Two-phase systems

In which we...

  • Figure out precisely how a vdW gas separates into separate phases,
  • Show how coexisting phases are a key engineering solution to make machines with a high efficiency--that is, more nearly reversible.
  • Calculate the slope of the coexistence curve for two phases.

Van der Waals phase transition re-visited

The van der Waals equation of state resulted in isotherms with a kink below a critical temperature $T_c$ and some phase separation.

The Helmholz energy, $F$, can be used to precisely locate these phases on a $P-V$ diagram:

If two phases are in equilibrium with each other, (in equilibrium both thermally and mechanically) then they ought to have the same pressure and temperature.

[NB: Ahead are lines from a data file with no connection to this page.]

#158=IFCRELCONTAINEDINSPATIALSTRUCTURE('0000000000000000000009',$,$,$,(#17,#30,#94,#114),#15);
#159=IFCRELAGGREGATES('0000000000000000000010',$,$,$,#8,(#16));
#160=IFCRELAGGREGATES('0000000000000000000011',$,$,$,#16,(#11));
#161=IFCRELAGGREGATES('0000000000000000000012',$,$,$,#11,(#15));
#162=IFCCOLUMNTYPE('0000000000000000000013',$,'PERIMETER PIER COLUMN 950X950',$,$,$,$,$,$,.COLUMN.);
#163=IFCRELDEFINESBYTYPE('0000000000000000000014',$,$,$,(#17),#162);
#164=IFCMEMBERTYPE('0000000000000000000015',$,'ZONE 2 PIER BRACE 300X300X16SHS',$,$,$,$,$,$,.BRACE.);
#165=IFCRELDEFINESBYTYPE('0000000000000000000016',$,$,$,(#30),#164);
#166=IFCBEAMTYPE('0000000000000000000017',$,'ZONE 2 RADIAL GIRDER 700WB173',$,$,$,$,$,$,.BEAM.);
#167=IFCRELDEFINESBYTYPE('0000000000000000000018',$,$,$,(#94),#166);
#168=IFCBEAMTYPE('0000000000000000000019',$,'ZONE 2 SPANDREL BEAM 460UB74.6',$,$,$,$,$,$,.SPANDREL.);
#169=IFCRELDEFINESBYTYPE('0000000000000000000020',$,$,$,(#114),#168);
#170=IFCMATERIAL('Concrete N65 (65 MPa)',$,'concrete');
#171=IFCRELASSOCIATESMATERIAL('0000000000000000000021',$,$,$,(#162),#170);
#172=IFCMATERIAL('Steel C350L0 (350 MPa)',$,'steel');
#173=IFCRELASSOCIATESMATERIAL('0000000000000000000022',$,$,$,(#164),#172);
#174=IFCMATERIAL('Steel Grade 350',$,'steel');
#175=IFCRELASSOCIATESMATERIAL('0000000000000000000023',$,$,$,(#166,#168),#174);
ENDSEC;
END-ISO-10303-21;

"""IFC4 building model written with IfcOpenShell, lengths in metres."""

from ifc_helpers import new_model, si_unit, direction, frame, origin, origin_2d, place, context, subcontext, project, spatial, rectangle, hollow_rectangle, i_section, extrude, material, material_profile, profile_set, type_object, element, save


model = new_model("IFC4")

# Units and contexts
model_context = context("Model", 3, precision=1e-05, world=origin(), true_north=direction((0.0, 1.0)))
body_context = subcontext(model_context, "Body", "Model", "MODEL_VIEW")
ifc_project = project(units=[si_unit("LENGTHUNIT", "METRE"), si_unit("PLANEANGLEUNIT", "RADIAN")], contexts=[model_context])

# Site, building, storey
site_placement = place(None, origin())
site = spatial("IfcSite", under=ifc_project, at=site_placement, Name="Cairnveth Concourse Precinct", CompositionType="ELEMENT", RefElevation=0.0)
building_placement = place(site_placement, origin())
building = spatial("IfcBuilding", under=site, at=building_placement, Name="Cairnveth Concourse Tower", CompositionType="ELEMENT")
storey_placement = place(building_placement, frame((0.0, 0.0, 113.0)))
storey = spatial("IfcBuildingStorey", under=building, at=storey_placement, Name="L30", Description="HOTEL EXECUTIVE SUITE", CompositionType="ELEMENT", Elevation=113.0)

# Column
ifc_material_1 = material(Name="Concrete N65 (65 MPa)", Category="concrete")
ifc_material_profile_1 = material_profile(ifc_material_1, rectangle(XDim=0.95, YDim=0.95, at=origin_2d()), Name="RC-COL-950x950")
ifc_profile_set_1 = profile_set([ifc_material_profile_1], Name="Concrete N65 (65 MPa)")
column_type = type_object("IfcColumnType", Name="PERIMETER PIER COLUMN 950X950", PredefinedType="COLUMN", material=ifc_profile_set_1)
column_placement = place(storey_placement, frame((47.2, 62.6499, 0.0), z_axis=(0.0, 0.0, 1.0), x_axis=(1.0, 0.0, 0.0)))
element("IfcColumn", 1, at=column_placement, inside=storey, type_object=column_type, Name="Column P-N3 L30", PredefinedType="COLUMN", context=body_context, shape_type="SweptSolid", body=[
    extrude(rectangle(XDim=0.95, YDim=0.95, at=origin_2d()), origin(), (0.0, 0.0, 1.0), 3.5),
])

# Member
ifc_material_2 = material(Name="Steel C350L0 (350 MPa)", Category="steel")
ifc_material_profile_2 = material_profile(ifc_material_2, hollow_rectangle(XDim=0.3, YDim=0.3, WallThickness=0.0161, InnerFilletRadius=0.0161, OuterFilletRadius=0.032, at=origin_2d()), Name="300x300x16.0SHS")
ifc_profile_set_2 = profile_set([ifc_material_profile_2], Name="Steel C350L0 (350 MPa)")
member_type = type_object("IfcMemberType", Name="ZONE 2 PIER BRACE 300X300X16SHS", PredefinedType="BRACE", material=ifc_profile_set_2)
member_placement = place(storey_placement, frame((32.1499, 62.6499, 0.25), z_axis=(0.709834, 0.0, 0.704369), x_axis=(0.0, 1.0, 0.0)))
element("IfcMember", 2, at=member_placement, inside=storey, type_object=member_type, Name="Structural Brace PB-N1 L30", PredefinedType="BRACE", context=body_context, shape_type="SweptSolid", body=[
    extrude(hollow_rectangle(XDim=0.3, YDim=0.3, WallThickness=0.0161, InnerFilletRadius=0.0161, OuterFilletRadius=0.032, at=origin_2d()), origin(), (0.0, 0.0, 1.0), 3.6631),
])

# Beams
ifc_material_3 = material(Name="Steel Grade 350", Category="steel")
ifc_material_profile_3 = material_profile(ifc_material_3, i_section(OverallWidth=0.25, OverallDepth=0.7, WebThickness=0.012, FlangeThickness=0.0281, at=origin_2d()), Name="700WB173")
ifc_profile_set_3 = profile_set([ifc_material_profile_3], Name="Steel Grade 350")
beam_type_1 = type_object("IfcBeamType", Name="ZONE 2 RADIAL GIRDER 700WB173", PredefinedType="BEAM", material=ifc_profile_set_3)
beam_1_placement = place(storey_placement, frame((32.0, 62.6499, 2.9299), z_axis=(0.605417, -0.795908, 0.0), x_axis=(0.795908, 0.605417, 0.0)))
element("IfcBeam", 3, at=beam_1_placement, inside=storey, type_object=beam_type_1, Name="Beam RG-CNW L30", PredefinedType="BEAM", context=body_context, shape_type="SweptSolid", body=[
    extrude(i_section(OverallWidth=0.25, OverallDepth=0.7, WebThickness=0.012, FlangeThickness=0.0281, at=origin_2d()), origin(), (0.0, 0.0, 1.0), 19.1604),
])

But a line at constant pressure intersects three points on any isotherm below $T_c$.

For a system at constant temperature and volume, the condition for equilibrium is that the Helmholz energy for the system, $F$, should be a minimum.

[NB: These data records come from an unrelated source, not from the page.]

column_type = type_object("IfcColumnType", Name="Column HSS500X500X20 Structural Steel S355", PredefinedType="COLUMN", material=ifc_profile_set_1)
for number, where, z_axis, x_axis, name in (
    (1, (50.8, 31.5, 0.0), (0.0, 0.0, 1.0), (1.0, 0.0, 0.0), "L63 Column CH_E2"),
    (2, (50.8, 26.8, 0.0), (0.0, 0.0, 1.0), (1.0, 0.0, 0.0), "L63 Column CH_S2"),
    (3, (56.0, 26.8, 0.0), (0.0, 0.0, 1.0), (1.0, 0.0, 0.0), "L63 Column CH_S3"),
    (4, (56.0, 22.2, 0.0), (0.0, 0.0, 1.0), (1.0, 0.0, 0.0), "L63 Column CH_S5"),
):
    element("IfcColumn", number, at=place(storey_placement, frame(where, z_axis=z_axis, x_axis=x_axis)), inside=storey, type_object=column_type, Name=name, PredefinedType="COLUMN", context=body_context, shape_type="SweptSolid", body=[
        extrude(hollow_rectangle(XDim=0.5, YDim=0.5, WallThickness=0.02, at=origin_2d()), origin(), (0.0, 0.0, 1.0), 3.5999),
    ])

Since $[dF]_T = - W_r$, we can calculate the free energy of a single phase by integrating the reversible work, $PdV$, along an isotherm: $$\Delta F = \int (-P\,dV).$$

We can sketch the integration visually as shown at the right (solid line) for a homogeneous phase. $f$ is a continuously decreasing function of $v$, since both $P$ and $v$ are always positive.

The orange dashed line segment on the Helmholz energy part of the graph is the free energy of a linear combination of the two phases at $V_1$ and $V_2$.

Since the Helmholz energy of any linear combination of 1 and 2 is always lower than the single-phase energy between 1 and 2, the system will have, for example, a lower free energy by breaking up into a combination of two phases, 1 and 2, (b) rather than staying in the single, homogeneous phase (a).

The pressure is also constant for all the linear combinations between 1 and 2, because the single phases 1 and 2 are at the same pressure.

Equal area construction

But what pressure are the two phases at? We will see that pressure line should be drawn such that the areas $A$ and $B$ shown are equal, by using the "Maxwell construction":

The conditions that determine 1 and 2 are:

  1. In order for the pressures to be the same, the slopes $\partial F/\partial V$ must be the same, because: $$\frac{\partial F}{\partial V_1} = -P_1 = -P_2=\frac{\partial F}{\partial V_2}.$$
  2. But points 1' and 2' also have the same pressure: Why not them?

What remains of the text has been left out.